CREATE OR REPLACE TASK task_name
  SCHEDULE = 'USING CRON 0/5 * * * * America/Los_Angeles' -- Runs every 5 minutes, change cron to match desired freshness
  ...
AS
   ALTER ICEBERG TABLE schema.table_name REFRESH;

Mounting Delta Lake to Microsoft Fabric & Microsoft OneLake

🛑

Column Mapping: Requires delta lake tables use column mapping mode NONE.

  1. Navigate to the Microsoft Fabric

  2. Navigate to your lakehouse, if you do not have one, create one.

  3. In your lakehouse, select the ellipses (…) next to Tables and then select "New shortcut".

  4. In the New shortcut screen, select your bucket provider. Normally this will be Azure Data Lake Storage Gen2 tile.
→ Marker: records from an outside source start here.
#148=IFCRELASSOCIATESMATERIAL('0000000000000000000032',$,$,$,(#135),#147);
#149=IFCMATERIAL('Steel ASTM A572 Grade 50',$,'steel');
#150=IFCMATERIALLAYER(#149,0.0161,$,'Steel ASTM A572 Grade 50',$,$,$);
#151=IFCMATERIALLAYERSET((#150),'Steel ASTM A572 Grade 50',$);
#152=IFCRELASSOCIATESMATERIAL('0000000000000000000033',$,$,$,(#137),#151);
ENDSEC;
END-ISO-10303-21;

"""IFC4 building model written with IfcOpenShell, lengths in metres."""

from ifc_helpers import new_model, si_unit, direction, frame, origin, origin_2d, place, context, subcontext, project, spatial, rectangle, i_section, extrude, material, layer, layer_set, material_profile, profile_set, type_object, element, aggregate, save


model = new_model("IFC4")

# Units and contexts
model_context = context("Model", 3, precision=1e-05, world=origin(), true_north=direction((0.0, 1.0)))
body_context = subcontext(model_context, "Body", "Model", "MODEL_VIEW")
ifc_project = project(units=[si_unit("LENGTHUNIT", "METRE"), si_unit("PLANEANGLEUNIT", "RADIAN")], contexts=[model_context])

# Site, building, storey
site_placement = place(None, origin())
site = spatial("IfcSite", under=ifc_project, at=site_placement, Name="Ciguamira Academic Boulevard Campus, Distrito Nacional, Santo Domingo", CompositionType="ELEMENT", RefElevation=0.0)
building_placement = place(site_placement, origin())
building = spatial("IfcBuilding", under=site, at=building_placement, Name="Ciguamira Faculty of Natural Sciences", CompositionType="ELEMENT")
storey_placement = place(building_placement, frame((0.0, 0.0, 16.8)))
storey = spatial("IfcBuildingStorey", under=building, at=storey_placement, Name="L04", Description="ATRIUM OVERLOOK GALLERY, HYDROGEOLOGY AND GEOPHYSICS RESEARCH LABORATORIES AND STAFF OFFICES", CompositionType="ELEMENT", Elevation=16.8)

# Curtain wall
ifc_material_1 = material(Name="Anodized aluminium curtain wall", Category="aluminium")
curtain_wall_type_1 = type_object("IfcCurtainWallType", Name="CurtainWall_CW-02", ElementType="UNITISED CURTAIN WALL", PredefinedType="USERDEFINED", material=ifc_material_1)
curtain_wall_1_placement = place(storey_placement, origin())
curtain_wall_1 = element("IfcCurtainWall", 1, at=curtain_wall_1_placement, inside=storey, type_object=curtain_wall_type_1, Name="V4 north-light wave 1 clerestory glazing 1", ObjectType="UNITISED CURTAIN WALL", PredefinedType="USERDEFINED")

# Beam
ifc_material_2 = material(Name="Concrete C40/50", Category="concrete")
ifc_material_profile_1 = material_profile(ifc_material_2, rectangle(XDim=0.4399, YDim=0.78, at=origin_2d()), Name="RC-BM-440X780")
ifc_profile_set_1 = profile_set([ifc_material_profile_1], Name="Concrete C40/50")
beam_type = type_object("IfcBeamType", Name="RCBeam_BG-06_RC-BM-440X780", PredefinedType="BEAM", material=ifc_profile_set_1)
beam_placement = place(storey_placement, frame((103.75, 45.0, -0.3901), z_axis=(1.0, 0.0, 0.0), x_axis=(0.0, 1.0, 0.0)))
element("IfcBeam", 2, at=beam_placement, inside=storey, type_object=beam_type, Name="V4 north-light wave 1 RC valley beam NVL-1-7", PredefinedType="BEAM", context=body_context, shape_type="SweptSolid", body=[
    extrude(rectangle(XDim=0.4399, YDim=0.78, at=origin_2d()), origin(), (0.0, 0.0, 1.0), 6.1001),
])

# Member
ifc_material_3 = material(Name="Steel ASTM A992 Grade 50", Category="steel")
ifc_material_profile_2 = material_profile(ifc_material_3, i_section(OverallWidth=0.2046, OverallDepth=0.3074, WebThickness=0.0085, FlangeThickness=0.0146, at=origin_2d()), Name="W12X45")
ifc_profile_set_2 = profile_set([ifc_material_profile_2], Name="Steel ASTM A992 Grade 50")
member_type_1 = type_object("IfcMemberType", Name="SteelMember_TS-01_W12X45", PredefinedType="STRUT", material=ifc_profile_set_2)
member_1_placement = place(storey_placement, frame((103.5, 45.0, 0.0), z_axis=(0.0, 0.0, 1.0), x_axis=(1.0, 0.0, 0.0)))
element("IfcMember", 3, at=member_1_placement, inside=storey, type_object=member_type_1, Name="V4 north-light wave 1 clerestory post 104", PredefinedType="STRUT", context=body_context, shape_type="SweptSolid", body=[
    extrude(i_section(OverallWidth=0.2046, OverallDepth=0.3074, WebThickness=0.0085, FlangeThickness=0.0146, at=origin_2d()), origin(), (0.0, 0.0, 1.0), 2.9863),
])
  5. Connect to your bucket and select the path of the delta lake table '<configured_path>'/<table_nane>'

  1. After creating the shortcut, the shortcut should appears as a Delta table under Tables. It may appear as "Unidentified", this is a UI bug in Azure.
  2. To confirm the table is correctly mounted, select "SQL Analytics endpoint" from the drop down to the left of the "share" button, in the top right of the console
  3. The shortcut should correctly appear as a Delta table under Tables.
  4. [optional] Click the "New semantic model" button at the top of the page to setup the mounted table for use in Microsoft products like PowerBI.

🚩

Vector Support: Azure Fabric and Microsoft OneLake do not support Delta Lake vector columns. These columns will be omitted from any table you mount.